For most people of African descent, this issue is about acknowledgement, access and affordability.
African American women are less likely to seek professional help for mental health issues because of the “strong Black woman syndrome”. This perpetual state of being that prevents Black women from being human – from being vulnerable. We mother our sons and raise our daughters. If you ask for assistance from the state, you’re thought to be a leach on society. If you ask for assistance from your man, you are thought to be weak and not worth the trouble. If you request support at work, you are no longer viewed as a team player.
African American men in particular, are accustomed to seeing the women in their lives, from their grandmothers to their sisters bear the burden of an entire family with zero assistance. When these men marry and their woman complain about work, their domestic workload or basic feelings of stress and dissatisfaction, it often lands on deaf ears. These men wonder why their woman is not as strong as those they have grown accustomed to watching carry the world on their shoulders.
As women, the only source that we can consistently turn to for support is each other and typically we are so battered and bruised, that many times it’s like the blind leading the blind.
I’ve loved two men in my life who confided that they heard voices – haunting and perpetual. One confessed that these voices told him that he was stupid and unworthy while he struggled through his college years. Eventually, he said the voices went away, but during that time he suffered socially and academically. My other love, brilliant and recognized around the world for his academic prowess, drank until the voices in his head ceased to exist. The unacknowledged alcoholism that he used to self medicate, affected his freedom, his money, safety and his career. They were both fearful and ashamed. They both had access and the means to seek professional help – but they didn’t. These situations, beg the question, what needs to happen for us to take the initiative and seek professional help?

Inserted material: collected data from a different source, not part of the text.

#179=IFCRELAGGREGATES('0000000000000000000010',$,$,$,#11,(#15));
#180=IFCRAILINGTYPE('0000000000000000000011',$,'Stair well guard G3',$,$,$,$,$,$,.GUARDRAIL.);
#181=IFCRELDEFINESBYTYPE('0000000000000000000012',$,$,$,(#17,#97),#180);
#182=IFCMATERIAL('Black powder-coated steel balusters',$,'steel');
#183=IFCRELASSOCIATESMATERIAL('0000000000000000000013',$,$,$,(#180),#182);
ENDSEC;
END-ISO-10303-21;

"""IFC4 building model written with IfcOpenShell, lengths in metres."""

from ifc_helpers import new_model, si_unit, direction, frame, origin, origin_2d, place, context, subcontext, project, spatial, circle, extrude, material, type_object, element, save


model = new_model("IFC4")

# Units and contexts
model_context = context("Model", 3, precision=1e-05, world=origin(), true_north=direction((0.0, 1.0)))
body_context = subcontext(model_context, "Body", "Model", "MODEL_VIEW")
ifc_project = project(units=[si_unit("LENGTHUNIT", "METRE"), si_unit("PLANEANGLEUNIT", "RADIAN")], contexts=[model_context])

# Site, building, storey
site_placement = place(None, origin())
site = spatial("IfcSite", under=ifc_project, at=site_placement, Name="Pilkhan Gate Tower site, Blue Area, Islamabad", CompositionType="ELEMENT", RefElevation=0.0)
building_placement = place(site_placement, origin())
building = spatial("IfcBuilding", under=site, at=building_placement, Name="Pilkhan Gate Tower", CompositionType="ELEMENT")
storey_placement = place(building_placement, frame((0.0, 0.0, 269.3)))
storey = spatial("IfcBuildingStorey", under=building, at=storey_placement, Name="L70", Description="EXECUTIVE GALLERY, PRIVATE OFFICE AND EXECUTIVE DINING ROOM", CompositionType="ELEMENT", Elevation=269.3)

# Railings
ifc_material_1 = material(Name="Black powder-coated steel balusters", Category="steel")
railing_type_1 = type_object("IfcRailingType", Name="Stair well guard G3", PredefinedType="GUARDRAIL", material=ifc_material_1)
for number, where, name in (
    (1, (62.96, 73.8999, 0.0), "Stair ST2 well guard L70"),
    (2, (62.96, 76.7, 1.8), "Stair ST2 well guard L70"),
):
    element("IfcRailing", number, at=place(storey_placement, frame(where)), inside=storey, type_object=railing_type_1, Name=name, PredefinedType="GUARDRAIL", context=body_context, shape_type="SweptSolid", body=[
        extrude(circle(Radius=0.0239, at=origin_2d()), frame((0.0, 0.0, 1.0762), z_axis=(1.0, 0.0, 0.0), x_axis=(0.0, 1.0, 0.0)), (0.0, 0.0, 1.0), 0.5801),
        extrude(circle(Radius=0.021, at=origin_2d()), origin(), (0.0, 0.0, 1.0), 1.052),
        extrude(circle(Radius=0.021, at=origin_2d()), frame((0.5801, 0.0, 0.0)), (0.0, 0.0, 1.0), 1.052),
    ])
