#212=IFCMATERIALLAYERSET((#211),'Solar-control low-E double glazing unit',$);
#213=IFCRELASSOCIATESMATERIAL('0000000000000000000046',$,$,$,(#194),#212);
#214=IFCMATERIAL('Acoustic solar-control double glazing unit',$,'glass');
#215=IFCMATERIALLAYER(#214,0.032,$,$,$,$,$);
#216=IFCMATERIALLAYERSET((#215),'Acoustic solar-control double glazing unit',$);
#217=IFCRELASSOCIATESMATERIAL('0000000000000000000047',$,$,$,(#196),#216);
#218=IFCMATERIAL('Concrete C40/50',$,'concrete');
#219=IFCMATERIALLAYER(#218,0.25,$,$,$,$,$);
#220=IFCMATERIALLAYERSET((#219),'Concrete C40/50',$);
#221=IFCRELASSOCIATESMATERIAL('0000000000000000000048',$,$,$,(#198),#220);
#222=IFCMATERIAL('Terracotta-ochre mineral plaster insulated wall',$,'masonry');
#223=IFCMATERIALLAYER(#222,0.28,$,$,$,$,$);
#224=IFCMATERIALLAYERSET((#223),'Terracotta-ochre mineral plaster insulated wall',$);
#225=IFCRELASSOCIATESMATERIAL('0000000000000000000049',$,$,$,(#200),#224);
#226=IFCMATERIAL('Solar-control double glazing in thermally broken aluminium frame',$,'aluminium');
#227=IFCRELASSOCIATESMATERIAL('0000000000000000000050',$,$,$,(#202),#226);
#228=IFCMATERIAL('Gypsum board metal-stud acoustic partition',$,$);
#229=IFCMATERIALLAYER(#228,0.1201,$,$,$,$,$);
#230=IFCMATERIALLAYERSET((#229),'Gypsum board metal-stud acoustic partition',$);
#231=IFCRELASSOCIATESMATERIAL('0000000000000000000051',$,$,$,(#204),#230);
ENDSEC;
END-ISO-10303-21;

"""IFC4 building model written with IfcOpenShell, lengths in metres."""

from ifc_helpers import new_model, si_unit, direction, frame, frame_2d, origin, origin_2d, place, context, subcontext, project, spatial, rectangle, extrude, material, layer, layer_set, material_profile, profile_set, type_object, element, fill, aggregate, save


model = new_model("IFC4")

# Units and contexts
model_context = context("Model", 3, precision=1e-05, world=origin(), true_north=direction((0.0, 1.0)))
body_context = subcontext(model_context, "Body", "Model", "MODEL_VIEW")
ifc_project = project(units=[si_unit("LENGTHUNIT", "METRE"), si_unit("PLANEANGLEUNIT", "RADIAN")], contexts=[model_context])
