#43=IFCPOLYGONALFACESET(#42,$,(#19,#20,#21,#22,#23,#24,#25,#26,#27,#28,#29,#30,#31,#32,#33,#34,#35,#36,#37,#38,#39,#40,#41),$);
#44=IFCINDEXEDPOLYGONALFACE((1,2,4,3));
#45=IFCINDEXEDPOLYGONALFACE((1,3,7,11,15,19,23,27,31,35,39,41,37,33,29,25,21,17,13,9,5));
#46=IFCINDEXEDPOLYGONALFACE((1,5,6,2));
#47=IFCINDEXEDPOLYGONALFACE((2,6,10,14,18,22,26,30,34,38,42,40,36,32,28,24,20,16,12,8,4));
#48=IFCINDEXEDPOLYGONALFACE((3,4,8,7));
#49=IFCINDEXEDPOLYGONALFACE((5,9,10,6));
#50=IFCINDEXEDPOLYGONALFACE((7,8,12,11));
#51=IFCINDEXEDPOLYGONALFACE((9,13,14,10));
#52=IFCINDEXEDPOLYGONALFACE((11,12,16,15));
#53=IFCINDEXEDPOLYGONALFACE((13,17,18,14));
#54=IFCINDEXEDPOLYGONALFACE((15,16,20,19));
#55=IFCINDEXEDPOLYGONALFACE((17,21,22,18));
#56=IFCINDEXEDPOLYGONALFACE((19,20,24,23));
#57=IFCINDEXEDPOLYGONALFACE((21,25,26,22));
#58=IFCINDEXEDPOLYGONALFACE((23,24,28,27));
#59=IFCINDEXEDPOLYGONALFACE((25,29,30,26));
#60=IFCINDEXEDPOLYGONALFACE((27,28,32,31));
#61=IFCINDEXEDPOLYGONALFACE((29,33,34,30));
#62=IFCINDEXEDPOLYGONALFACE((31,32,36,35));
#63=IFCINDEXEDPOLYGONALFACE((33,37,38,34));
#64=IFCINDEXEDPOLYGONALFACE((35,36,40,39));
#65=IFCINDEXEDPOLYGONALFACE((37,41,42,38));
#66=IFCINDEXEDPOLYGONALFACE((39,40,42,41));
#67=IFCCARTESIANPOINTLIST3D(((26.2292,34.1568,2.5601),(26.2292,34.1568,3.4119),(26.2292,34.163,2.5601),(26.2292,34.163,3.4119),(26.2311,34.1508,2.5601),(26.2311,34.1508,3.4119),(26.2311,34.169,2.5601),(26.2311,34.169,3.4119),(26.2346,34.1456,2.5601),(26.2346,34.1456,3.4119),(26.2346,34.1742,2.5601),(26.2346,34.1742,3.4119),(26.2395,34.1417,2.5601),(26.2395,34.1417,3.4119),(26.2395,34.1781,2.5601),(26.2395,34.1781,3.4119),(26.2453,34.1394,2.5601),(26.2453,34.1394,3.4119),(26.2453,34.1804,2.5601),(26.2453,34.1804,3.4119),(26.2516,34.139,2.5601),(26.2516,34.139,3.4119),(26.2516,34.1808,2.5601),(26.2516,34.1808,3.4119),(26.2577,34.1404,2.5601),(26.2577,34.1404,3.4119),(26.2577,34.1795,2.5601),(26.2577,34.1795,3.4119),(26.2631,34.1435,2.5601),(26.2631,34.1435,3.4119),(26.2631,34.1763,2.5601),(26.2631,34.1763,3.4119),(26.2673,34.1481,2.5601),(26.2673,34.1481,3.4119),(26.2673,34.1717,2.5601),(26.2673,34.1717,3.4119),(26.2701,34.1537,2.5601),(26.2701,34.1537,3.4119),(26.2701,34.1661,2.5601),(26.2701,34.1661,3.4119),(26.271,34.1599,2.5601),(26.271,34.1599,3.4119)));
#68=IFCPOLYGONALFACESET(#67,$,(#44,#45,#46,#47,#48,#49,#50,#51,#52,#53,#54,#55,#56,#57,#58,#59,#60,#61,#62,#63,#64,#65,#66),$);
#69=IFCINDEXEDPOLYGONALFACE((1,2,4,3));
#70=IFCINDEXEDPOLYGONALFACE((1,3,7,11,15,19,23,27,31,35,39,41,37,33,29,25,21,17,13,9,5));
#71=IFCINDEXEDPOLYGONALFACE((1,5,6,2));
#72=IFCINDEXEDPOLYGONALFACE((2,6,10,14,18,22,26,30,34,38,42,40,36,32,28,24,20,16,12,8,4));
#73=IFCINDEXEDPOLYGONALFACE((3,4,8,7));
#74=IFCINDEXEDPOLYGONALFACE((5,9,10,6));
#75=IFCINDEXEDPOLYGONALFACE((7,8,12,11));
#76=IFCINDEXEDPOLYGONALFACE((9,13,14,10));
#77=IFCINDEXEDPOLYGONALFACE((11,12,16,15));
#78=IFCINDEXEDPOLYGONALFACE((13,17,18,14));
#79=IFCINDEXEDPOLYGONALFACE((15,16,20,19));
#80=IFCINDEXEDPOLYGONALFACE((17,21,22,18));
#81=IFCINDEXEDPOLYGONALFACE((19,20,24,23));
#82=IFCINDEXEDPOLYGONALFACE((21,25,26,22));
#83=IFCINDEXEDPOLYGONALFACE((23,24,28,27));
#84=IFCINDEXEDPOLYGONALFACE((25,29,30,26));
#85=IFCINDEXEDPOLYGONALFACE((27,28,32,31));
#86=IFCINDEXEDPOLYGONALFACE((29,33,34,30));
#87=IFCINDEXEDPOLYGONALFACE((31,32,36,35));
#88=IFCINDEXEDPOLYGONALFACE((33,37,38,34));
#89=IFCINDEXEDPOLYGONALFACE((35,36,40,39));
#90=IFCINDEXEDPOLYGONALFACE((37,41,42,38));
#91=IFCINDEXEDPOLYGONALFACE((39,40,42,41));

In the United States, middle and upper class African Americans have access to quality mental health services. In some counties, help is available for those living at or below the poverty line. I pray for my people. As we continue to deal with daily microaggressions, passive-aggressiveness, systemic discrimination, racism, orchestrated genocide and the spewing hate of #45 and his cronies, how do we cope? Most of the time, we are not aware of the internal discord.
The feelings that rise up inside when you experience hatred, indifference and disregard is energy. Those feelings cause your body to produce chemicals that are designed to fend off predators. Our Black bodies and minds are in constant fight mode – under relentless stress. What do we do with this energy?

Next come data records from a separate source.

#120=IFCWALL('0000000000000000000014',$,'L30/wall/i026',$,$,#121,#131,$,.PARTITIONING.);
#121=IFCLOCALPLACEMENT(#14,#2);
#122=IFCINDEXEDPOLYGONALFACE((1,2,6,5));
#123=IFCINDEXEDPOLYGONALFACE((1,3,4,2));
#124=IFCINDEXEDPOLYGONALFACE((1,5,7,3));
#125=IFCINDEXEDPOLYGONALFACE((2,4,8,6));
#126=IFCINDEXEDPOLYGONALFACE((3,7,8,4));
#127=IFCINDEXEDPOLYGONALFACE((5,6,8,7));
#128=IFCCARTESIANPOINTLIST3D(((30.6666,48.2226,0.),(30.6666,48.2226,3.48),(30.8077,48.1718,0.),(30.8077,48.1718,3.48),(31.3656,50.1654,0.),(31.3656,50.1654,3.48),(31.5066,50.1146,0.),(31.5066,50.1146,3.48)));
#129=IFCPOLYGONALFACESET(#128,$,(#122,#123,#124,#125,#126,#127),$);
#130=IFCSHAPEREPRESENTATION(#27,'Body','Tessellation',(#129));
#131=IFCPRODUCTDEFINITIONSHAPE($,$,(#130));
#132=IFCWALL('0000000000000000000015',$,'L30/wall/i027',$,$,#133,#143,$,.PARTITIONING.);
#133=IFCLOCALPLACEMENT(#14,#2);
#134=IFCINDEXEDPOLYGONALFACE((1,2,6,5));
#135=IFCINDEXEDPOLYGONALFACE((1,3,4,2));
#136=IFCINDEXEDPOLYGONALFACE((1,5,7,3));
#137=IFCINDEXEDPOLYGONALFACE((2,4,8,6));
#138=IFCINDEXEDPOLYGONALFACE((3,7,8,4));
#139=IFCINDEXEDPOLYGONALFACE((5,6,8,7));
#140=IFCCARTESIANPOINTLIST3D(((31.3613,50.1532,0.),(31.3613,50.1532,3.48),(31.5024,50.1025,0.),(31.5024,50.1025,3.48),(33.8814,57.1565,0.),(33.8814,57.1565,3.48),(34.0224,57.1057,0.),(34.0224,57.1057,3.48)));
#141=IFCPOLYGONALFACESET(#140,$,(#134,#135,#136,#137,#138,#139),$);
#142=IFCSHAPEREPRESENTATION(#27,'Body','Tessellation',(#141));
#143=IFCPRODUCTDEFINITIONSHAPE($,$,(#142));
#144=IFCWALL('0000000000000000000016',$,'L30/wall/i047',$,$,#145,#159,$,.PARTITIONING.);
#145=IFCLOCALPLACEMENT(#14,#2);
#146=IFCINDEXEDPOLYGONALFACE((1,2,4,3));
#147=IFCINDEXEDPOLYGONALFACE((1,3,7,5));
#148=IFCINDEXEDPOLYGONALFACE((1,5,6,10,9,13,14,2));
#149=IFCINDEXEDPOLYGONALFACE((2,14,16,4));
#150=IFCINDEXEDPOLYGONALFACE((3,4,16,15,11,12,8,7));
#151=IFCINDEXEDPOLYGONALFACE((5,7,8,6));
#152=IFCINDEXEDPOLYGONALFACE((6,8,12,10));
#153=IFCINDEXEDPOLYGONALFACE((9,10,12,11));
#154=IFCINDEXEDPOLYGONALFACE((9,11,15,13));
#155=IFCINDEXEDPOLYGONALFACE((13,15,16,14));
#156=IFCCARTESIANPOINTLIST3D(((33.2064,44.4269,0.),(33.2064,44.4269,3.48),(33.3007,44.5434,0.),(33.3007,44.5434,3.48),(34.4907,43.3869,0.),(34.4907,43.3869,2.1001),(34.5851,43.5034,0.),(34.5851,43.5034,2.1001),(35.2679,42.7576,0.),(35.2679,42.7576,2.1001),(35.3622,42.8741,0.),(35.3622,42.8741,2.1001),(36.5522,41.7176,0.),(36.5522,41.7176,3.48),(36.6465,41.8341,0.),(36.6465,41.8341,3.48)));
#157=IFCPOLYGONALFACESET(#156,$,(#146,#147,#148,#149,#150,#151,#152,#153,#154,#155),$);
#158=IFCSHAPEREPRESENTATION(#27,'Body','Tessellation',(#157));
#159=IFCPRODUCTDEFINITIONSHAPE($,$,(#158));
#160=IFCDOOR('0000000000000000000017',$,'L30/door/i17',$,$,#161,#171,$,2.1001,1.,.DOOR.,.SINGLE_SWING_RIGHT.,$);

When our bodies are perpetually fighting, we eventually become sick, fearful and angry. As a result, we seek medical treatment for the symptoms that ail us. Inevitably, we fall victim to the inequities within the medical system and succumb to pharmaceutical manipulation.
Like with so many things in this time space reality, a shift is happening. As we begin to voice what makes us most uncomfortable, we can provide a supportive space for our concerns to be heard. We can begin to create a cultural and social realm that supports Black women, men, boys and girls in their divine right to be whole and free. I will begin by cleaning my own house. I pledge to get the mental health treatment that I both need and deserve. I will leave the space open to discuss mental health issues in public spaces without judgment.
As we begin to voice what makes us most uncomfortable, we can provide a supportive space for our concerns to be heard. We can begin to create a cultural and social realm that supports Black women, men, boys and girls in their divine right to be whole and free.